Pretty good picking over the weekend.

About a dozen fresh Kings from the same spot that has been going for 2 weeks, still early there, more to come. No Chants and just a handful of Trumpets (left them).

A large Beech grove in another area produced about 300 Cinnibars (many very nice). 200 or so Tubular Chants (a friend eats most of them) with many more coming up. 3 small spots near the swamp yeilded a couple hundred Black Trumpets. Still appeared early in that area as well.

If we get a little more rain over the next couple weeks, I may still have a decent season.

SEMI


----------



## Sparky23 (Aug 15, 2007)

I'm Jealouse, I have only found a handfull of trumpets ever, dont think there are many down my way, chants. are still in full swing along with lotsss of other, found a perfect white poured chicken the other day.


----------



## All TIME ANGLER (Mar 14, 2008)

Nice work John! 

I stumbled on to a nice flush of Cinnibar and tubular chants up north while runnin the dog. Black berries were exploding too. Found what seems to be another edible bolete. Organge-ish cap w/ white pores. Non-staining. Most were past prime so I didn't harvest them. Still trying to figure out what they were. Found some giant puffballs and some milky caps too.


----------



## knockoff64 (Oct 14, 2001)

Picked another bag full of Cinnibars yesterday! A spot that I've checked a few times, first harvest. Mature Beech with Oak and Maple mixed in and close to parking!

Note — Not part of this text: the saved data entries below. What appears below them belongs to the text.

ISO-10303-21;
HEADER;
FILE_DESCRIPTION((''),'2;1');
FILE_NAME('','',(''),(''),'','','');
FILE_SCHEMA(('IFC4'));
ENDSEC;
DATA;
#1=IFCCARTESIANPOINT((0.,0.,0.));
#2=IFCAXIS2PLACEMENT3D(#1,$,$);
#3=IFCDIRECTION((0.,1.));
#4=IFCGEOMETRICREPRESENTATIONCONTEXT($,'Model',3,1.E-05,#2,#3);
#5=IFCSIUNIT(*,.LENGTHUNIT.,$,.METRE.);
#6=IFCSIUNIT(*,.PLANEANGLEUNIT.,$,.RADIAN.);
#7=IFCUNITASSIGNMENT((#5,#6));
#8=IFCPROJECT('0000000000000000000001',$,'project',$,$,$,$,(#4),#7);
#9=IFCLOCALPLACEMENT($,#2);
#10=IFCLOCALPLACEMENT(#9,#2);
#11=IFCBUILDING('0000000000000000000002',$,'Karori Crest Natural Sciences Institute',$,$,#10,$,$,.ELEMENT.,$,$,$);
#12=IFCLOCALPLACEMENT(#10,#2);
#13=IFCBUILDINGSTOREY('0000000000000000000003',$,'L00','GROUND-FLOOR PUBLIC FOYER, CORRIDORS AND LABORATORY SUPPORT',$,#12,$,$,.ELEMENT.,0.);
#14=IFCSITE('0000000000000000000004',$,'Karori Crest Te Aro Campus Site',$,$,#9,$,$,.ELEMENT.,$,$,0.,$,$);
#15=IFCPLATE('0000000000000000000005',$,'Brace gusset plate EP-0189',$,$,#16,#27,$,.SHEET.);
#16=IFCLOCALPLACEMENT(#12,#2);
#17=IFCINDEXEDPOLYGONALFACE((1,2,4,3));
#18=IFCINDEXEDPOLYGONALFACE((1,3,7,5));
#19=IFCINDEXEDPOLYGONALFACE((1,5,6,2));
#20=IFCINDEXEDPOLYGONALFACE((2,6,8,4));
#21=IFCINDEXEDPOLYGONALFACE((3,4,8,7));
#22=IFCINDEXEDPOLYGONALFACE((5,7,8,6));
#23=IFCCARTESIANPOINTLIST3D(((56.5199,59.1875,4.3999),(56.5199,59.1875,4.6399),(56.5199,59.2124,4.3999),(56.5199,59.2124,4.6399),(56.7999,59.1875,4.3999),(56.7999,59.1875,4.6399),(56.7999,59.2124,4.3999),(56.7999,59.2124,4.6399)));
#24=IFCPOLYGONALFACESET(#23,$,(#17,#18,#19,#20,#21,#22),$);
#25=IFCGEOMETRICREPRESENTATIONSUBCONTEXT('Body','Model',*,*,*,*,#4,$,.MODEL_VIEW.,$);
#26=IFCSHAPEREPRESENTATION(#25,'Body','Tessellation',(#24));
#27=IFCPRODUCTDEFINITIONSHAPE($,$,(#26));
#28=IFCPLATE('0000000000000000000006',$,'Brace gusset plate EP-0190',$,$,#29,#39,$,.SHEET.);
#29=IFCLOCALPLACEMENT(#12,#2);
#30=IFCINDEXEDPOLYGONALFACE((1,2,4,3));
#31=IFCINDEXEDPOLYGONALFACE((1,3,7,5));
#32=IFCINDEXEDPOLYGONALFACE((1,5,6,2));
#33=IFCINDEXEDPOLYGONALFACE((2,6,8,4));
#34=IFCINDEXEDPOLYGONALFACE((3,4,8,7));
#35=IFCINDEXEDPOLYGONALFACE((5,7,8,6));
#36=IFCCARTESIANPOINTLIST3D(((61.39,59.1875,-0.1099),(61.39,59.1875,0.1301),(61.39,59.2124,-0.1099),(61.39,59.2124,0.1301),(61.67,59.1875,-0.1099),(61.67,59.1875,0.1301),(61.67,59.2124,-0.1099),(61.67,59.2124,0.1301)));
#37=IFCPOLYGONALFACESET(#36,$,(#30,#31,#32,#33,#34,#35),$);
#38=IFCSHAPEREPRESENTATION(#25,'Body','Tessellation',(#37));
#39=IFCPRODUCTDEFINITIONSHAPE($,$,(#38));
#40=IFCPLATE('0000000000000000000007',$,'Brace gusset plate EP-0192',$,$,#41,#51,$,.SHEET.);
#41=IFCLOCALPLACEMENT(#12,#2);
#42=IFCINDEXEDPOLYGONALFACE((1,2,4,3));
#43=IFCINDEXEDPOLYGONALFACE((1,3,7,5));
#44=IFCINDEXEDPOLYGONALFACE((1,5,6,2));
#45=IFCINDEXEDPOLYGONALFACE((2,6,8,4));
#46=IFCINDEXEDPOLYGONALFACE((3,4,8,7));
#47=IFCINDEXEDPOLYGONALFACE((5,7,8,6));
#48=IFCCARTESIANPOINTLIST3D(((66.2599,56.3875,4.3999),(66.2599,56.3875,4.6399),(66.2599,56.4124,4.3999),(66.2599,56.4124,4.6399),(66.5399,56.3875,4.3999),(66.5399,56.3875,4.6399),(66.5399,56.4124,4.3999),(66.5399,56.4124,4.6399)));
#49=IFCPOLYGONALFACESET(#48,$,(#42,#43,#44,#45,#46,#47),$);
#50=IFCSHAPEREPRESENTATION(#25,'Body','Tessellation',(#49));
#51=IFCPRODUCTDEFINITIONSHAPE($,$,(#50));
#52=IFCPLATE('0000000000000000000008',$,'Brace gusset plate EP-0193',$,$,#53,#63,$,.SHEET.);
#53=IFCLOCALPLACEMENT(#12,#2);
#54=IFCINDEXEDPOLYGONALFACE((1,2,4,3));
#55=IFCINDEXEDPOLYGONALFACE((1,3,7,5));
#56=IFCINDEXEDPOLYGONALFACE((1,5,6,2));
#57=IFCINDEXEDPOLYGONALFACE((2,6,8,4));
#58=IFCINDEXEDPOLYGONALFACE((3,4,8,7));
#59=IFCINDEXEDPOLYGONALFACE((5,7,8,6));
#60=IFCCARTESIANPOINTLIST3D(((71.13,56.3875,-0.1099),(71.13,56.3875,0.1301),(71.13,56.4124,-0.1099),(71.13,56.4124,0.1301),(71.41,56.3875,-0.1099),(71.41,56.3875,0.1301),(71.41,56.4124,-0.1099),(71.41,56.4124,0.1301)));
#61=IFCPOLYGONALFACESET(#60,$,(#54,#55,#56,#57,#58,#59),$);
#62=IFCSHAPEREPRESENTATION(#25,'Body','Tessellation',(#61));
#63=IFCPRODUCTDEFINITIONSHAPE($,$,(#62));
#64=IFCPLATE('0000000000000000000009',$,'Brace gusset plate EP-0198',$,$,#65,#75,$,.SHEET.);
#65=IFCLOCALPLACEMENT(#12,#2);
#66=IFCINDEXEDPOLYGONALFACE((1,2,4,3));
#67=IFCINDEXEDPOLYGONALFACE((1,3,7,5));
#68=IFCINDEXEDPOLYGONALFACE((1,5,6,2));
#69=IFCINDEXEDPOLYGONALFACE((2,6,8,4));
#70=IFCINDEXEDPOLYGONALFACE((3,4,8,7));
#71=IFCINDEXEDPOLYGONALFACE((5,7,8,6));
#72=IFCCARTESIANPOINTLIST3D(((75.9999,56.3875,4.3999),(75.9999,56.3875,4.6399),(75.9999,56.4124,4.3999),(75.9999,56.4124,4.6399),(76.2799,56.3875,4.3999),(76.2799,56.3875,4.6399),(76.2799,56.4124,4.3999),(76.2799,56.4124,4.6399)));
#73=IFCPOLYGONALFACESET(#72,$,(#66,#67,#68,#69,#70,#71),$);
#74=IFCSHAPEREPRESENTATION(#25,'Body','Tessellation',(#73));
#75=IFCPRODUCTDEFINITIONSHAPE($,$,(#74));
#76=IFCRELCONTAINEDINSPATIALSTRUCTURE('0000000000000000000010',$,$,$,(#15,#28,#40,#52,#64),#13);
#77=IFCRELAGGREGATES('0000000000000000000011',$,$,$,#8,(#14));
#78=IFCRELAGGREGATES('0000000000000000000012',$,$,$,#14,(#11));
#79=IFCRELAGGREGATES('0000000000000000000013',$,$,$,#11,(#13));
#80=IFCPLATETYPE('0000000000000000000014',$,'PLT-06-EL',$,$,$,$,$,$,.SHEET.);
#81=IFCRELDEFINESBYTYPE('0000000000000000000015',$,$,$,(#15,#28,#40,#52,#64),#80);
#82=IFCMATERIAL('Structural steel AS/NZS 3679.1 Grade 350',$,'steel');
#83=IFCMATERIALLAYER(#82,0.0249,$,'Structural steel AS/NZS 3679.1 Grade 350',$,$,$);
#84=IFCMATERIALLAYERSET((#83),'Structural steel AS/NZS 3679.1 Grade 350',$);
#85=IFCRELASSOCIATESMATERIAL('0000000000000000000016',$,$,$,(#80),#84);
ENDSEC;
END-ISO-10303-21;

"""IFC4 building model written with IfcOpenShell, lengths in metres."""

from ifc_helpers import new_model, si_unit, direction, frame, origin, origin_2d, place, context, subcontext, project, spatial, rectangle, extrude, material, layer, layer_set, type_object, element, save


model = new_model("IFC4")

# Units and contexts
model_context = context("Model", 3, precision=1e-05, world=origin(), true_north=direction((0.0, 1.0)))
body_context = subcontext(model_context, "Body", "Model", "MODEL_VIEW")
ifc_project = project(units=[si_unit("LENGTHUNIT", "METRE"), si_unit("PLANEANGLEUNIT", "RADIAN")], contexts=[model_context])

# Site, building, storey
site_placement = place(None, origin())
site = spatial("IfcSite", under=ifc_project, at=site_placement, Name="Karori Crest Te Aro Campus Site", CompositionType="ELEMENT", RefElevation=0.0)
building_placement = place(site_placement, origin())
building = spatial("IfcBuilding", under=site, at=building_placement, Name="Karori Crest Natural Sciences Institute", CompositionType="ELEMENT")
storey_placement = place(building_placement, origin())
storey = spatial("IfcBuildingStorey", under=building, at=storey_placement, Name="L00", Description="GROUND-FLOOR PUBLIC FOYER, CORRIDORS AND LABORATORY SUPPORT", CompositionType="ELEMENT", Elevation=0.0)

# Shared definitions
ifc_material_1 = material(Name="Structural steel AS/NZS 3679.1 Grade 350", Category="steel")

# Plates
ifc_layer = layer(ifc_material_1, 0.0249, Name="Structural steel AS/NZS 3679.1 Grade 350")
ifc_layer_set = layer_set([ifc_layer], Name="Structural steel AS/NZS 3679.1 Grade 350")
plate_type = type_object("IfcPlateType", Name="PLT-06-EL", PredefinedType="SHEET", material=ifc_layer_set)
for number, where, z_axis, x_axis, name in (
    (1, (56.6599, 59.2, 4.3999), (0.0, 0.0, 1.0), (1.0, 0.0, 0.0), "Brace gusset plate EP-0189"),
    (2, (61.53, 59.2, -0.1099), (0.0, 0.0, 1.0), (1.0, 0.0, 0.0), "Brace gusset plate EP-0190"),
    (3, (66.3999, 56.3999, 4.3999), (0.0, 0.0, 1.0), (1.0, 0.0, 0.0), "Brace gusset plate EP-0192"),
    (4, (71.27, 56.3999, -0.1099), (0.0, 0.0, 1.0), (1.0, 0.0, 0.0), "Brace gusset plate EP-0193"),
    (5, (76.1399, 56.3999, 4.3999), (0.0, 0.0, 1.0), (1.0, 0.0, 0.0), "Brace gusset plate EP-0198"),
):
    element("IfcPlate", number, at=place(storey_placement, frame(where, z_axis=z_axis, x_axis=x_axis)), inside=storey, type_object=plate_type, Name=name, PredefinedType="SHEET", context=body_context, shape_type="SweptSolid", body=[
        extrude(rectangle(XDim=0.28, YDim=0.0249, at=origin_2d()), origin(), (0.0, 0.0, 1.0), 0.24),
    ])

save(model, "model.ifc")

500+ prime Cinni's in a couple hours and more comin' up!

Gonna hit the first spot again tomorrow, wanna go Nick?


----------



## koby (Jul 20, 2001)

Sparky23 said:


> I'm Jealouse, I have only found a handfull of trumpets ever, dont think there are many down my way, chants. are still in full swing along with lotsss of other, found a perfect white poured chicken the other day.

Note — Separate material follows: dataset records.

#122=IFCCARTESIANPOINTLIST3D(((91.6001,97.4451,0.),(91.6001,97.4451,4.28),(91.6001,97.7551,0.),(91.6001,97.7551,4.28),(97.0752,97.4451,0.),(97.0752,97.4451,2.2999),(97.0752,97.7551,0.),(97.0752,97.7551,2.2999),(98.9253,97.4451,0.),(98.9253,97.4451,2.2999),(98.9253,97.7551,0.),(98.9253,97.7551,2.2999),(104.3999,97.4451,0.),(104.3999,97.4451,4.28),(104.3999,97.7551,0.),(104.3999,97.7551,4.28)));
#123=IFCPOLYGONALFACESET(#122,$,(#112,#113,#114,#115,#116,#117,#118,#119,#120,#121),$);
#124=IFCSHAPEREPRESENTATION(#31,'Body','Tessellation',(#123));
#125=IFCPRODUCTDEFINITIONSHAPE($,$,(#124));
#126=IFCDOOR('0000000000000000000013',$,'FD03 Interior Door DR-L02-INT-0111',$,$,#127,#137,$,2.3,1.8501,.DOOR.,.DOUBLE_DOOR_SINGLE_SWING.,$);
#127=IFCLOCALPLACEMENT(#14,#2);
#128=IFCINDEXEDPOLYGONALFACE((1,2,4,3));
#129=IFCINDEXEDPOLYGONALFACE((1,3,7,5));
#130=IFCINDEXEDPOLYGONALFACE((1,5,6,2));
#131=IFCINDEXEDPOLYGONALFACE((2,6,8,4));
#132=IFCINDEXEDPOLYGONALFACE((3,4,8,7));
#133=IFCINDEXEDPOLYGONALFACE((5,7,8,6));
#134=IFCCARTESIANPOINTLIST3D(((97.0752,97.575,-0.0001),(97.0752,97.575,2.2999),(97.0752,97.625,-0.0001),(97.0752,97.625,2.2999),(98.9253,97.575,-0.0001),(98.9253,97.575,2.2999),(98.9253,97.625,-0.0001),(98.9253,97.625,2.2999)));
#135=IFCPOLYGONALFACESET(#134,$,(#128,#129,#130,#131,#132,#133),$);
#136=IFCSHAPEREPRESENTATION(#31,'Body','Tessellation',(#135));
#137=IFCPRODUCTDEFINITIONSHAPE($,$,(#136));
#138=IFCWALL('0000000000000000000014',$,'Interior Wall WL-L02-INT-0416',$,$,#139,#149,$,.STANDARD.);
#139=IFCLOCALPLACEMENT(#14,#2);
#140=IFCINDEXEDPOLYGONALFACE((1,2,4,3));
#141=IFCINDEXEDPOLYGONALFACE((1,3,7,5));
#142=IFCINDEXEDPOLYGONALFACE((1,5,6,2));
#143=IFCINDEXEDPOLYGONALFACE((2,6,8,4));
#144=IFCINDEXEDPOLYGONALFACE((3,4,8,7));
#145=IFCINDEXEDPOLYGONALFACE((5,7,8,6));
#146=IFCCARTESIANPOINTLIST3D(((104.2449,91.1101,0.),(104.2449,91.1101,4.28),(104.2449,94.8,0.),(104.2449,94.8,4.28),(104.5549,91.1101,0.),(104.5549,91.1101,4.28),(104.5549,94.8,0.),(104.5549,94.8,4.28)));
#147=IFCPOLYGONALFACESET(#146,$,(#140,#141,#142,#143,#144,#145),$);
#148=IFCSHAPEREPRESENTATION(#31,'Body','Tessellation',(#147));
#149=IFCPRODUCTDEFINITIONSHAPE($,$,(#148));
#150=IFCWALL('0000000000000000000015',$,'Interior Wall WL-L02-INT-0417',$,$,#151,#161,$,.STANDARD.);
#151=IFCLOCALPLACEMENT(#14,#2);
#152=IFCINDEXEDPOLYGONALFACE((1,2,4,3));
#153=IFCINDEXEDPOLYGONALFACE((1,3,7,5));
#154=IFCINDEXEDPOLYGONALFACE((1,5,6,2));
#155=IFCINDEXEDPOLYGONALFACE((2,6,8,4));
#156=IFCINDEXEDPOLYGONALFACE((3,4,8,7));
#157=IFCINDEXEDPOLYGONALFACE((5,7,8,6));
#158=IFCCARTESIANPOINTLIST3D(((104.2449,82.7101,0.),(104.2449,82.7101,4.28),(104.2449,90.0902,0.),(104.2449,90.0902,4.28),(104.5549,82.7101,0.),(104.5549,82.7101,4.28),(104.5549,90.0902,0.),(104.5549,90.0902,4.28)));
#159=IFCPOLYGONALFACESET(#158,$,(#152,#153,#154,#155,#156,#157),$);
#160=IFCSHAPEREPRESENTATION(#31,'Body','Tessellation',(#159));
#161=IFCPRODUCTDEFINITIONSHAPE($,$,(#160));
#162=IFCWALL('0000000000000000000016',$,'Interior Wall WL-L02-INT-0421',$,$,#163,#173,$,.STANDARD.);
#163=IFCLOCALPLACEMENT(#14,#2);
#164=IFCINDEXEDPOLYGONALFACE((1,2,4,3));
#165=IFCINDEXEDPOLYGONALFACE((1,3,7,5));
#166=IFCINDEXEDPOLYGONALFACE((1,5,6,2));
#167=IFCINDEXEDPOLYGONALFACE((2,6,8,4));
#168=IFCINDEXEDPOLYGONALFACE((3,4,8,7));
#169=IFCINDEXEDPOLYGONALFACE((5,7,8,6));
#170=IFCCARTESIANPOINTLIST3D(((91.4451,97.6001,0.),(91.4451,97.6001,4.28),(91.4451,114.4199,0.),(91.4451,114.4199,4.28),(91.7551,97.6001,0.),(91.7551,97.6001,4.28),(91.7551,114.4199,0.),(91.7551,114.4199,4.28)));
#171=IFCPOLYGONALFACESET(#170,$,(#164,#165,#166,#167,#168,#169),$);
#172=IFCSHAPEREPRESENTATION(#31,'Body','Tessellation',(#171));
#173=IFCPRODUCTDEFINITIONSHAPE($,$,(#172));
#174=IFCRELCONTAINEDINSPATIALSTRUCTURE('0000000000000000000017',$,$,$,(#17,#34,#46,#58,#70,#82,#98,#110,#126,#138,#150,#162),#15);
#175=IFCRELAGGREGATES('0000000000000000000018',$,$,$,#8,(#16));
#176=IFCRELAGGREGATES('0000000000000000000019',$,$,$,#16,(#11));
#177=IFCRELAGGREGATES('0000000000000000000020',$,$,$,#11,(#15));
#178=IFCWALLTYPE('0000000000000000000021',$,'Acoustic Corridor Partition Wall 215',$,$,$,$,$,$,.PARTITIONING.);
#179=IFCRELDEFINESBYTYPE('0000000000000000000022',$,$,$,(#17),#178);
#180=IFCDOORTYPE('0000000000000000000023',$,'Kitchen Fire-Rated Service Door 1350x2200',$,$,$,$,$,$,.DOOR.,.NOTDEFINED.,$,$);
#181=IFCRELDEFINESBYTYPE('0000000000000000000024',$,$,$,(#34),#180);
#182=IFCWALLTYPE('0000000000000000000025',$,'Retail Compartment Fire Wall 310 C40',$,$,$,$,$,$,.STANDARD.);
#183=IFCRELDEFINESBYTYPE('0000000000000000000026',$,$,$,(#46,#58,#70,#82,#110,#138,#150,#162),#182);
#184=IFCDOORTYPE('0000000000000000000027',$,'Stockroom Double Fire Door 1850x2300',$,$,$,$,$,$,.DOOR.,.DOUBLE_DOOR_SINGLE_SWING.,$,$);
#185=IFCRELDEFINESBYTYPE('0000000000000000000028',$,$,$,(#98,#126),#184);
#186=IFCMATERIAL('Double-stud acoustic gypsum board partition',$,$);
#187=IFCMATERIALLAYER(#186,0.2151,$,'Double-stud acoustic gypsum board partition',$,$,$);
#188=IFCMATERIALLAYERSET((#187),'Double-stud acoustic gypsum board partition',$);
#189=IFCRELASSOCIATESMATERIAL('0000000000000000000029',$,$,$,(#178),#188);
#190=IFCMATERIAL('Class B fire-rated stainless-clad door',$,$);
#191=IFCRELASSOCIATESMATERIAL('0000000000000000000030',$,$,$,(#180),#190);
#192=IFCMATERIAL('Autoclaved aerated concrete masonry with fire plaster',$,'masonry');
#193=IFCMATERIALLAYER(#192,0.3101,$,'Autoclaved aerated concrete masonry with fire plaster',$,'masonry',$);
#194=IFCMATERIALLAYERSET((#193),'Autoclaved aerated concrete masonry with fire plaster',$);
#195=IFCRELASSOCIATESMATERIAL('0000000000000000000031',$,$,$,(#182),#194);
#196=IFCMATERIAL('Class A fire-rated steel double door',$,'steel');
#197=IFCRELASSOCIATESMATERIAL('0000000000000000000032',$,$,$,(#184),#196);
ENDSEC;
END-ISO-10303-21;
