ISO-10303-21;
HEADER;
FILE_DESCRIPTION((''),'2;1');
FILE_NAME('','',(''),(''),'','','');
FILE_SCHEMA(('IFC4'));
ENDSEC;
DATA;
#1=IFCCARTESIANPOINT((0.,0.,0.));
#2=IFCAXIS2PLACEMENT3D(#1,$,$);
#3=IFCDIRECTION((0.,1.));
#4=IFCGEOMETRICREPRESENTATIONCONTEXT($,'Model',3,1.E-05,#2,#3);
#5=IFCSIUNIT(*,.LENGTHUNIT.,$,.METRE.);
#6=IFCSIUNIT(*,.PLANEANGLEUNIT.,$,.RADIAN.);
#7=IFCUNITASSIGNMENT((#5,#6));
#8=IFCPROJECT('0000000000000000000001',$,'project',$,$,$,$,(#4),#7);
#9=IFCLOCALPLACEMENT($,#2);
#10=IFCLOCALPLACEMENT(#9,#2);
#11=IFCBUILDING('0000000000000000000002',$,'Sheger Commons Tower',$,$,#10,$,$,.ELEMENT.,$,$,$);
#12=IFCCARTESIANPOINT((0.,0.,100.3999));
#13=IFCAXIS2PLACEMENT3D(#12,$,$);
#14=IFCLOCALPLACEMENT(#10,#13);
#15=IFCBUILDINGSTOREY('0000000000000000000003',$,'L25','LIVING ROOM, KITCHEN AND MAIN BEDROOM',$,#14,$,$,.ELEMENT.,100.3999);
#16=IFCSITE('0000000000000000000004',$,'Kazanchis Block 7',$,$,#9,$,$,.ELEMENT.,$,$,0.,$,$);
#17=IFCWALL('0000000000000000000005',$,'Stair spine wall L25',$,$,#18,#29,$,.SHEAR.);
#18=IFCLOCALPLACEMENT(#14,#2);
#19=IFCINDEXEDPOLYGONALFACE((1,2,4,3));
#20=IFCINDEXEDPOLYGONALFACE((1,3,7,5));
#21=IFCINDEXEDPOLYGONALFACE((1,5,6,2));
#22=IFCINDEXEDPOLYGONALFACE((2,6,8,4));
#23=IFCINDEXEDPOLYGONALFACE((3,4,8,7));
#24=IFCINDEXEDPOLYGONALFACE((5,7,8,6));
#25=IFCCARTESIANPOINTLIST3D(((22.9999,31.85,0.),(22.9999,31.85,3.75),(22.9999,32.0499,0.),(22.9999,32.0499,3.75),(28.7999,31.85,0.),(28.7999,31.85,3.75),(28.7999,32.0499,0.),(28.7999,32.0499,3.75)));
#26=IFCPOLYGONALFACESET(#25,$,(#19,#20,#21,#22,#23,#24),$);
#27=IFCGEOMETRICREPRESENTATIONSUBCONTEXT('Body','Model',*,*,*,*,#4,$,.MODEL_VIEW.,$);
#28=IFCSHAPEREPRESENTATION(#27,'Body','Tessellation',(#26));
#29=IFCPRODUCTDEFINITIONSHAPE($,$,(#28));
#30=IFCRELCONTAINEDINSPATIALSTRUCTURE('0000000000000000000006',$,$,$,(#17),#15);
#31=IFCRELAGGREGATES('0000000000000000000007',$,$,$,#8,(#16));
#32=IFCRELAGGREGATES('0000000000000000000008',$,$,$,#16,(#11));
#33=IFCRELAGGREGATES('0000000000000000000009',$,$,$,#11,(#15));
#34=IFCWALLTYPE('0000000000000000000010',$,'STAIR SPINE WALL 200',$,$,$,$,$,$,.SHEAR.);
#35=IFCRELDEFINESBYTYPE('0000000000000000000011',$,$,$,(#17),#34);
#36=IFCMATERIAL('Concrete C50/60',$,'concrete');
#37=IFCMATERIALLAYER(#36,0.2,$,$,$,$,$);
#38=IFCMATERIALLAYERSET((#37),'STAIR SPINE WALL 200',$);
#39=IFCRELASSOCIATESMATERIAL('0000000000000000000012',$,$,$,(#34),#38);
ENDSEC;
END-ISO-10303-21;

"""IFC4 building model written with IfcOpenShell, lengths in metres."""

from ifc_helpers import new_model, si_unit, direction, frame, frame_2d, origin, place, context, subcontext, project, spatial, rectangle, extrude, material, layer, layer_set, type_object, element, save


model = new_model("IFC4")

# Units and contexts
model_context = context("Model", 3, precision=1e-05, world=origin(), true_north=direction((0.0, 1.0)))
body_context = subcontext(model_context, "Body", "Model", "MODEL_VIEW")
ifc_project = project(units=[si_unit("LENGTHUNIT", "METRE"), si_unit("PLANEANGLEUNIT", "RADIAN")], contexts=[model_context])

# Site, building, storey
site_placement = place(None, origin())
site = spatial("IfcSite", under=ifc_project, at=site_placement, Name="Kazanchis Block 7", CompositionType="ELEMENT", RefElevation=0.0)
building_placement = place(site_placement, origin())
building = spatial("IfcBuilding", under=site, at=building_placement, Name="Sheger Commons Tower", CompositionType="ELEMENT")
storey_placement = place(building_placement, frame((0.0, 0.0, 100.3999)))
storey = spatial("IfcBuildingStorey", under=building, at=storey_placement, Name="L25", Description="LIVING ROOM, KITCHEN AND MAIN BEDROOM", CompositionType="ELEMENT", Elevation=100.3999)

# Wall
ifc_material_1 = material(Name="Concrete C50/60", Category="concrete")
ifc_layer_1 = layer(ifc_material_1, 0.2)
ifc_layer_set_1 = layer_set([ifc_layer_1], Name="STAIR SPINE WALL 200")
wall_type_1 = type_object("IfcWallType", Name="STAIR SPINE WALL 200", PredefinedType="SHEAR", material=ifc_layer_set_1)
wall_1_placement = place(storey_placement, frame((23.0, 31.95, 0.0), z_axis=(0.0, 0.0, 1.0), x_axis=(1.0, 0.0, 0.0)))
element("IfcWall", 1, at=wall_1_placement, inside=storey, type_object=wall_type_1, Name="Stair spine wall L25", PredefinedType="SHEAR", context=body_context, shape_type="SweptSolid", body=[
    extrude(rectangle(XDim=5.8, YDim=0.2, at=frame_2d((2.8999, 0.0))), origin(), (0.0, 0.0, 1.0), 3.75),
])

save(model, "model.ifc")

There are Trumpets by you. You have to find the right habitat. You will find them NEAR the edge of swamps in Oak or mixed hardwood woods where theres sparse moss. They will usually be within 30 yards of the swamps edge. You REALLY have to look hard to see em, as theyre the same color as the leaf litter...most of the time they are more BROWN than black. Once you spot one, theres usually bunches of them......this is a get on your knees kind of hunting....you gotta get down there and SLOWLY scan...they are really tough to see. We have found a few pounds the last few weeks...theyre out there!!!


----------



## knockoff64 (Oct 14, 2001)

koby said:


> There are Trumpets by you. You have to find the right habitat. You will find them NEAR the edge of swamps in Oak or mixed hardwood woods where theres sparse moss. They will usually be within 30 yards of the swamps edge. You REALLY have to look hard to see em, as theyre the same color as the leaf litter...most of the time they are more BROWN than black. Once you spot one, theres usually bunches of them......this is a get on your knees kind of hunting....you gotta get down there and SLOWLY scan...they are really tough to see. We have found a few pounds the last few weeks...theyre out there!!!

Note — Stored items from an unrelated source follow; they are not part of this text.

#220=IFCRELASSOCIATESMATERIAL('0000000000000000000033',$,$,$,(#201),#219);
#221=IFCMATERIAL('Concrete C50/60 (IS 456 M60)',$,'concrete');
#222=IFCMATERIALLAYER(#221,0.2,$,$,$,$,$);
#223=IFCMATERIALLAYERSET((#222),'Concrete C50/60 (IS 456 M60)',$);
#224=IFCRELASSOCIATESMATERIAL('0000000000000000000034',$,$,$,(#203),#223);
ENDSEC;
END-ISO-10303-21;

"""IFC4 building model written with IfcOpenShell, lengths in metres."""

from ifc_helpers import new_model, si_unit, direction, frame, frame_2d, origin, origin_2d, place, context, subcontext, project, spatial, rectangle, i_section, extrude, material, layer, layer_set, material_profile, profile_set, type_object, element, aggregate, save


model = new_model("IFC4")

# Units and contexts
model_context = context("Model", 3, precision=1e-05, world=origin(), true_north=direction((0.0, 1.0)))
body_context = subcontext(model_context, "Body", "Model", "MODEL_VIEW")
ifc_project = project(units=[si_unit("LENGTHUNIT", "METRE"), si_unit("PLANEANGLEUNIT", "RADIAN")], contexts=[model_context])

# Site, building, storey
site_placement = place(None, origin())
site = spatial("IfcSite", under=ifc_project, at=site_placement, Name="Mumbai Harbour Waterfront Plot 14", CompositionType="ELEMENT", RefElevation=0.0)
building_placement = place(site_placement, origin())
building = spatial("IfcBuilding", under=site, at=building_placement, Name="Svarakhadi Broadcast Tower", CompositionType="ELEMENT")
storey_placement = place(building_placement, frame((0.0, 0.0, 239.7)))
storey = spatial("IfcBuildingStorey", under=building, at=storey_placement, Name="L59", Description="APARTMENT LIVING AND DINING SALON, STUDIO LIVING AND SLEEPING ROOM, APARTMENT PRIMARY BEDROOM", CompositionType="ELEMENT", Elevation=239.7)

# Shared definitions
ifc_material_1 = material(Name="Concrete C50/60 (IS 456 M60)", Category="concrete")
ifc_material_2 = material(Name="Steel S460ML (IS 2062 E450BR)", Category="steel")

Picked more today from one of my spots that is identical to what you describe, except it's Beech. In fact all of my Trumpets have been associated with Beech.

This spot is next to a swamp and has produced hundreds 2 of the last 3 years. This year they are spread out a little more, with 8 small patches of no more than 30 sq. ft. most near the base of mature Beechs just above the edge of the swamp. Some on humps or pockets nearby. 2 years ago they were in 3 of the same spots but in larger numbers.

Even in Newaygo County, nearly all were near Beech only a couple small patches near Oak.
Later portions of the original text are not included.